Cité de l'Objet Connecté Angers Plaque d'inauguration

Ce marché, il faut réussir à le capter. Mais il a aussi des particularités, comme le time to market ou le fait de réagir vite, être capable de tester l’usage très rapidement. Il faut également un mode collaboratif. On ne peut pas travailler en silo avec les électriciens d’un côté, et les ingénieurs de l’autre, etc. La Cité, c’est donc une plateforme innovante industrielle qui rassemble toutes ces compétences en un lieu. Ce plateau commun offre des services à ces porteurs de projets, qui seraient plus difficiles d’accès dans un autre lieu. Le but est donc d’accélérer le passage de l’idée, à la réalisation.

Actuellement, la Cité de l’Objet Connecté, ce sont 20 projets pour la fin de l’année. Une première  étape appelée Fablab, avec des équipements qui sont mis à la disposition des porteurs de projets pour qu’ils réalisent leur maquette et prototype. L‘autre étape est plus industrielle. Dans la première étape ce sont environ 10 projets et dans la seconde près de 18.

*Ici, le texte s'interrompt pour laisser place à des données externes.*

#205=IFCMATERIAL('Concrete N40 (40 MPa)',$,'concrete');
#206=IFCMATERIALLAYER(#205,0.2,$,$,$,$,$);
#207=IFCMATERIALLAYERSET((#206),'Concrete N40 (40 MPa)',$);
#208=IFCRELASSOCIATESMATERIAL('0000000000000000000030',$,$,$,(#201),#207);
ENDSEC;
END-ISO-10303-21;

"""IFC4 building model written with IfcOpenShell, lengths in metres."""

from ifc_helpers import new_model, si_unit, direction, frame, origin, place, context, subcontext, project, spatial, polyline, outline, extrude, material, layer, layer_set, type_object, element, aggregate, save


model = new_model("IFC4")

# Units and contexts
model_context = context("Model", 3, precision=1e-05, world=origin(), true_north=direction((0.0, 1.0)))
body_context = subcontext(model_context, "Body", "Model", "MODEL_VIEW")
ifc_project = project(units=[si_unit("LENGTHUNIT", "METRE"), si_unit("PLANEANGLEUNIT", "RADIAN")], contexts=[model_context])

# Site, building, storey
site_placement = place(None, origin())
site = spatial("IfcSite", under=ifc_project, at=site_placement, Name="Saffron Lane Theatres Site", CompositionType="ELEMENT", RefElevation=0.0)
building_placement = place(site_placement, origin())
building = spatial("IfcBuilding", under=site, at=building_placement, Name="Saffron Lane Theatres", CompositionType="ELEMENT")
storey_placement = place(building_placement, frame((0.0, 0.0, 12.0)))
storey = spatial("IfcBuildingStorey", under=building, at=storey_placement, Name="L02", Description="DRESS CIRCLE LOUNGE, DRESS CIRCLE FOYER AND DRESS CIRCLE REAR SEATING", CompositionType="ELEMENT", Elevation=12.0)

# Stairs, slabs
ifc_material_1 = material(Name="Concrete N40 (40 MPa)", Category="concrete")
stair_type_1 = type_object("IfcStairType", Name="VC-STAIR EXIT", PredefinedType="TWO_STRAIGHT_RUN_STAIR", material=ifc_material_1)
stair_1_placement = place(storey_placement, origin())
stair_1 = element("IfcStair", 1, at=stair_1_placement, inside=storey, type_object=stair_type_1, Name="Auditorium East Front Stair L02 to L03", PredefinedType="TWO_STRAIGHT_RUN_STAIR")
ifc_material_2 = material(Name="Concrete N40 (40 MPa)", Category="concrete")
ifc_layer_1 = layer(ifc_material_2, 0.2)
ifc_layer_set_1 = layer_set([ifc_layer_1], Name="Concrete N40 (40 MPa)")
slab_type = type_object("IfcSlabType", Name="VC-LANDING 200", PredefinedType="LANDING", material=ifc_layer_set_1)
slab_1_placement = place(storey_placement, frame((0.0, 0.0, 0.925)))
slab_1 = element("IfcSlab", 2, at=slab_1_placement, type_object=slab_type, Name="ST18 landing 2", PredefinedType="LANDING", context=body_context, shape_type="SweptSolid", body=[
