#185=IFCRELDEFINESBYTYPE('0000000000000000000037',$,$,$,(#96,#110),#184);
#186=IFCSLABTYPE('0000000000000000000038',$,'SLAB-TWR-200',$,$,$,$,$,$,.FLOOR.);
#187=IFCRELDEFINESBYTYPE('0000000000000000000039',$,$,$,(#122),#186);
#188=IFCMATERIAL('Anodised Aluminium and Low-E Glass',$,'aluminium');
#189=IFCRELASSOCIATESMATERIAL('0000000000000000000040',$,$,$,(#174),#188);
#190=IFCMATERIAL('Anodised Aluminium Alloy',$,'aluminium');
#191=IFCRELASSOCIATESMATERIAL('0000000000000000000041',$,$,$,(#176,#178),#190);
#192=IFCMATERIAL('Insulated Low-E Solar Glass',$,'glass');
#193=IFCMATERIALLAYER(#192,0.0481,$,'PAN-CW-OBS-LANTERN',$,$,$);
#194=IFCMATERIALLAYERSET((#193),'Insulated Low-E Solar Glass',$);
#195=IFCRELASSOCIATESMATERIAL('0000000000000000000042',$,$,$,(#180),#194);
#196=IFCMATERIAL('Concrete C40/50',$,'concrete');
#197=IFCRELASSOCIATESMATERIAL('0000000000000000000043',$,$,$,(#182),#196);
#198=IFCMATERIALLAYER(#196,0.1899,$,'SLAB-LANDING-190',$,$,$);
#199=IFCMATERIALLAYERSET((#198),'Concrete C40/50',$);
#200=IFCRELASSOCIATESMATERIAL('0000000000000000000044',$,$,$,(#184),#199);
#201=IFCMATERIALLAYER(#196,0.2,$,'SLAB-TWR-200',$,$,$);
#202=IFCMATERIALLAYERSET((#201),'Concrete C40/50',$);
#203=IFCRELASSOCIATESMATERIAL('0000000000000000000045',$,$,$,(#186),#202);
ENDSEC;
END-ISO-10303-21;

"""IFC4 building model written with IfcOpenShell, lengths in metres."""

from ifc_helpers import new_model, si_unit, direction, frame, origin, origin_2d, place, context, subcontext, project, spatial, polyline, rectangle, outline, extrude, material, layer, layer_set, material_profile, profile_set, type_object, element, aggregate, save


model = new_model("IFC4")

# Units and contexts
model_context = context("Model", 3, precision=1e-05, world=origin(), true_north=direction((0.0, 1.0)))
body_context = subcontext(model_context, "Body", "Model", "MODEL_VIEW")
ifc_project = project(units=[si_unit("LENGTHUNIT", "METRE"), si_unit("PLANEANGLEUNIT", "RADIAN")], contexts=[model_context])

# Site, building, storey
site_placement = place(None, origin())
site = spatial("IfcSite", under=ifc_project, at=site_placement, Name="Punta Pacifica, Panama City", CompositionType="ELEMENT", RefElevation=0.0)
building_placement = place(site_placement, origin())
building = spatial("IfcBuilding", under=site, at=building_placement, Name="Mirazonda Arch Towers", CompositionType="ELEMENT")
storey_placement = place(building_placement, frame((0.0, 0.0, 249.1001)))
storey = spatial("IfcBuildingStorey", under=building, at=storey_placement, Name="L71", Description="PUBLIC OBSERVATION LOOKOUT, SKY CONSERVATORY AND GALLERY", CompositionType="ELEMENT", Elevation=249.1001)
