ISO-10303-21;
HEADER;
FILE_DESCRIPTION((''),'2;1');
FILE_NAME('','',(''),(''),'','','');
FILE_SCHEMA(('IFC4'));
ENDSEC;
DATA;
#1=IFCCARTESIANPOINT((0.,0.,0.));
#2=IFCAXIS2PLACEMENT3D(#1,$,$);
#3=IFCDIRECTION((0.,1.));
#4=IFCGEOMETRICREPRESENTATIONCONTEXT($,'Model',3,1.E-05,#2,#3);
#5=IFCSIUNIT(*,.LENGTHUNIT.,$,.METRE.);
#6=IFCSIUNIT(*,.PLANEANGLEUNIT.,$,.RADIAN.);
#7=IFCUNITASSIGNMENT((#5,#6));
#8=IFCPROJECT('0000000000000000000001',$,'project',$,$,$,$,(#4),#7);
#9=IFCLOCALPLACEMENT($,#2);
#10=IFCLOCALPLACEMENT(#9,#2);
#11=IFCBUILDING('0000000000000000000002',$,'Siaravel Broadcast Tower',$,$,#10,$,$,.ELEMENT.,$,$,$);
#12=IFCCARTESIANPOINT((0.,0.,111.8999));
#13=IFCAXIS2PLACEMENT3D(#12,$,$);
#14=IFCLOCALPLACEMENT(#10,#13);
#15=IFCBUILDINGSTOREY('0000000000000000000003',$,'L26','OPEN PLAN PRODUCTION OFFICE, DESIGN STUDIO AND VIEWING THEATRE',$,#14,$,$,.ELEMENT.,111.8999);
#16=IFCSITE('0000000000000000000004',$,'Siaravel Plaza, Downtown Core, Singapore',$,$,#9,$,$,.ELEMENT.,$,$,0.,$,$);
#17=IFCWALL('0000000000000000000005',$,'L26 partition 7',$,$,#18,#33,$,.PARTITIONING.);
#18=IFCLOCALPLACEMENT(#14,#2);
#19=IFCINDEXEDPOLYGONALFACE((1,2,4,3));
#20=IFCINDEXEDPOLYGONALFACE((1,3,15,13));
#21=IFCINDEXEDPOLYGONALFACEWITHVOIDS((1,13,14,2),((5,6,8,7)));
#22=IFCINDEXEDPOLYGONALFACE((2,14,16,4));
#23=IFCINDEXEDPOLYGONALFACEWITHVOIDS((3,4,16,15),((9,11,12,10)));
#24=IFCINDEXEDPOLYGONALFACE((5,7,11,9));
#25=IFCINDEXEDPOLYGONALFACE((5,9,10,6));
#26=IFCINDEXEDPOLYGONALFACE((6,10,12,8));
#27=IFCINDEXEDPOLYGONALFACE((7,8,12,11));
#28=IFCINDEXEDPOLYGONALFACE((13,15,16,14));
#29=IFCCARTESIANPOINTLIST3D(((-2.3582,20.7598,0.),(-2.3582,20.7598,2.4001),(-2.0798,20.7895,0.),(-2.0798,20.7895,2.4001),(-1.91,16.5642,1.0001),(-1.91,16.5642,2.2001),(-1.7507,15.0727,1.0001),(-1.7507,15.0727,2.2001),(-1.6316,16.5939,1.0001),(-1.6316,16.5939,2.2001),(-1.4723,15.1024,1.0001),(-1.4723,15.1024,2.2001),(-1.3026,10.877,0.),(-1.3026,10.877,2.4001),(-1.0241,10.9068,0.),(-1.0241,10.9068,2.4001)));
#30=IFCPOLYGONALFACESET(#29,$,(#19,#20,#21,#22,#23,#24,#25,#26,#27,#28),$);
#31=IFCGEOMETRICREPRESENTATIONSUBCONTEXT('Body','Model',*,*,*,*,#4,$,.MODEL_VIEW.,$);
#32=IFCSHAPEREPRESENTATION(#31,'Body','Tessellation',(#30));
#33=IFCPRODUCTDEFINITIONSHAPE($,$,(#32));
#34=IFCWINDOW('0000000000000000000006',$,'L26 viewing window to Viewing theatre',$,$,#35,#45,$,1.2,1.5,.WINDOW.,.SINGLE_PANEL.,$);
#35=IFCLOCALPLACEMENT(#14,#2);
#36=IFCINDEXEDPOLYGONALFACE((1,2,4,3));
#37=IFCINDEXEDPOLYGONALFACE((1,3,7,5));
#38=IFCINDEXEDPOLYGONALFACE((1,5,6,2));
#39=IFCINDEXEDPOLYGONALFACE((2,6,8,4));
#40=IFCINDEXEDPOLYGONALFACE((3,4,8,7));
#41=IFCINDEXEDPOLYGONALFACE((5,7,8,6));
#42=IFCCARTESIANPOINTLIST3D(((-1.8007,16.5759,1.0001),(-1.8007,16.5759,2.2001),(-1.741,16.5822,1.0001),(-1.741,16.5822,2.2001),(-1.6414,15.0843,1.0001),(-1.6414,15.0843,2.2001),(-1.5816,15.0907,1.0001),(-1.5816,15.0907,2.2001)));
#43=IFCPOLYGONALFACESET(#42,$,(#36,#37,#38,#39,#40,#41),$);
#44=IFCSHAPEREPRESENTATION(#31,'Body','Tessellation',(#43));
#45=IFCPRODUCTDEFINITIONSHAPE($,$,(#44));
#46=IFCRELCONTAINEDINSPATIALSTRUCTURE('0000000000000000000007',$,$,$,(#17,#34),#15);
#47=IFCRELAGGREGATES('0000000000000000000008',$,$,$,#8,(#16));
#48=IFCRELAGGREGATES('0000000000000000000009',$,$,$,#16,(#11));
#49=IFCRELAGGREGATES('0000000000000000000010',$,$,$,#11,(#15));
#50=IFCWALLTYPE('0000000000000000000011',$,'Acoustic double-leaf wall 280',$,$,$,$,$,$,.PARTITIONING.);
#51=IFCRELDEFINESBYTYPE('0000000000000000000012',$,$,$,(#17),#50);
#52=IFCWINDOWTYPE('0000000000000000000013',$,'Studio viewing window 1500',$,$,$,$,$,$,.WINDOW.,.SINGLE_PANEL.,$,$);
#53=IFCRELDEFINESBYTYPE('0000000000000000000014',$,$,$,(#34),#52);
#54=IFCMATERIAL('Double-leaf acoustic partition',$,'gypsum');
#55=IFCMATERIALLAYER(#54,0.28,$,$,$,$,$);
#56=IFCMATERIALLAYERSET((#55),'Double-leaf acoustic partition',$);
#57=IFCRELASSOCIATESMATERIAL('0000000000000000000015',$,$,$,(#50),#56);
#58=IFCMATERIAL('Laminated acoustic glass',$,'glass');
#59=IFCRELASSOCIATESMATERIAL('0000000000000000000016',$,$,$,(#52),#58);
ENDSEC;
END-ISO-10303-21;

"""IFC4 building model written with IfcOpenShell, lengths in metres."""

from ifc_helpers import new_model, si_unit, direction, frame, frame_2d, origin, place, context, subcontext, project, spatial, rectangle, extrude, material, layer, layer_set, type_object, element, fill, save


model = new_model("IFC4")

# Units and contexts
model_context = context("Model", 3, precision=1e-05, world=origin(), true_north=direction((0.0, 1.0)))
body_context = subcontext(model_context, "Body", "Model", "MODEL_VIEW")
ifc_project = project(units=[si_unit("LENGTHUNIT", "METRE"), si_unit("PLANEANGLEUNIT", "RADIAN")], contexts=[model_context])

# Site, building, storey
site_placement = place(None, origin())
site = spatial("IfcSite", under=ifc_project, at=site_placement, Name="Siaravel Plaza, Downtown Core, Singapore", CompositionType="ELEMENT", RefElevation=0.0)
building_placement = place(site_placement, origin())
building = spatial("IfcBuilding", under=site, at=building_placement, Name="Siaravel Broadcast Tower", CompositionType="ELEMENT")
storey_placement = place(building_placement, frame((0.0, 0.0, 111.8999)))
storey = spatial("IfcBuildingStorey", under=building, at=storey_placement, Name="L26", Description="OPEN PLAN PRODUCTION OFFICE, DESIGN STUDIO AND VIEWING THEATRE", CompositionType="ELEMENT", Elevation=111.8999)

# Wall, opening, window
ifc_material_1 = material(Name="Double-leaf acoustic partition", Category="gypsum")
ifc_layer_1 = layer(ifc_material_1, 0.28)
ifc_layer_set_1 = layer_set([ifc_layer_1], Name="Double-leaf acoustic partition")
wall_type = type_object("IfcWallType", Name="Acoustic double-leaf wall 280", PredefinedType="PARTITIONING", material=ifc_layer_set_1)
wall_placement = place(storey_placement, frame((-2.219, 20.7747, 0.0), z_axis=(0.0, 0.0, 1.0), x_axis=(0.106214, -0.994343, 0.0)))
wall = element("IfcWall", 1, at=wall_placement, inside=storey, type_object=wall_type, Name="L26 partition 7", PredefinedType="PARTITIONING", context=body_context, shape_type="SweptSolid", body=[
    extrude(rectangle(XDim=9.939, YDim=0.28, at=frame_2d((4.9695, 0.0))), origin(), (0.0, 0.0, 1.0), 2.4001),
])
opening_placement = place(wall_placement, frame((4.2195, 0.0, 1.0)))
opening = element("IfcOpeningElement", 2, at=opening_placement, cuts=wall, PredefinedType="OPENING", context=body_context, shape_type="SweptSolid", body=[
    extrude(rectangle(XDim=1.5, YDim=1.2, at=frame_2d((0.75, 0.6001))), frame((0.0, 0.1499, 0.0), z_axis=(0.0, -1.0, 0.0), x_axis=(1.0, 0.0, 0.0)), (0.0, 0.0, 1.0), 0.3),
])
ifc_material_2 = material(Name="Laminated acoustic glass", Category="glass")
window_type = type_object("IfcWindowType", Name="Studio viewing window 1500", PartitioningType="SINGLE_PANEL", PredefinedType="WINDOW", material=ifc_material_2)
window_placement = place(opening_placement, origin())
window = element("IfcWindow", 3, at=window_placement, inside=storey, type_object=window_type, Name="L26 viewing window to Viewing theatre", OverallHeight=1.2, OverallWidth=1.5, PartitioningType="SINGLE_PANEL", PredefinedType="WINDOW", context=body_context, shape_type="SweptSolid", body=[
    extrude(rectangle(XDim=1.5, YDim=1.2, at=frame_2d((0.75, 0.6001))), frame((0.0, 0.03, 0.0), z_axis=(0.0, -1.0, 0.0), x_axis=(1.0, 0.0, 0.0)), (0.0, 0.0, 1.0), 0.0601),
])
fill(opening, window)

save(model, "model.ifc")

La visibilité internationale n’est pas en reste, avec la visite de Gary Shapiro le président du CES de Las Vegas, venu visiter la Cité de l’Objet Connecté. Également des déplacements à Austin aux Etats-Unis, ville jumelée avec Angers et le maire d’Angers ayant été le chef de la délégation. Tout ceci permet cette visibilité mondiale pour la ville et les startups française de l’IoT. D’ailleurs, des incubateurs américains vont accueillir 12 startups d’Angers dès l’année 2016, afin de développer leurs projets, mais sur le sol US.

Conclusions sur l’IoT à la française

On le voit bien, l’augmentation de l’IoT s’accélère partout et tous les sujets se regroupent. Des nouveaux besoins aux nouveaux accélérateurs, en passant par les révolutions techniques nécessaires mais également législatives et de visibilité. Nous sommes au début d’une nouvelle ère où nous pouvons tirer les cartes du jeu.

Les collectives locales et les forces publiques l’ont bien compris, la compétitivité de la France sur ce marché transversale qu’est l’IoT met certes du temps à démarrer, est encore, de fait, petit, mais il a le mérite d’exister et de faire vivre l’espoir de l’émergence de startups française aux idées révolutionnaires et indépendantes dans le domaine technico-créatif de l’IoT mondial. L’ensemble des industriels, avec la FIRIP, mais également avec le plan Très Haut Débit 2012 de la présidence de la République, la Cité de l’Objet Connecté, mais aussi avec des acteurs comme la Caisse des Dépôts, montrent bien que les idées et réalisations sont là. Maintenant à savoir si les décisions seront prises rapidement afin que cette filière soit à l’avant-garde, c’est une autre histoire. Saluons les idées, les projets et les réformes, mais attendons les concrétisations rapides et les réussites, les french success story qui perdurent, afin de nous faire clairement une idée de ce que vaut la French IoT. Mais nuls doutes que la French Tech saura porter haut et fort les couleurs et créations française dans les domaines avancées. Soyons chauvin et laissons le doute positif s’installer. La première des idées reste avant tout la confiance en soi.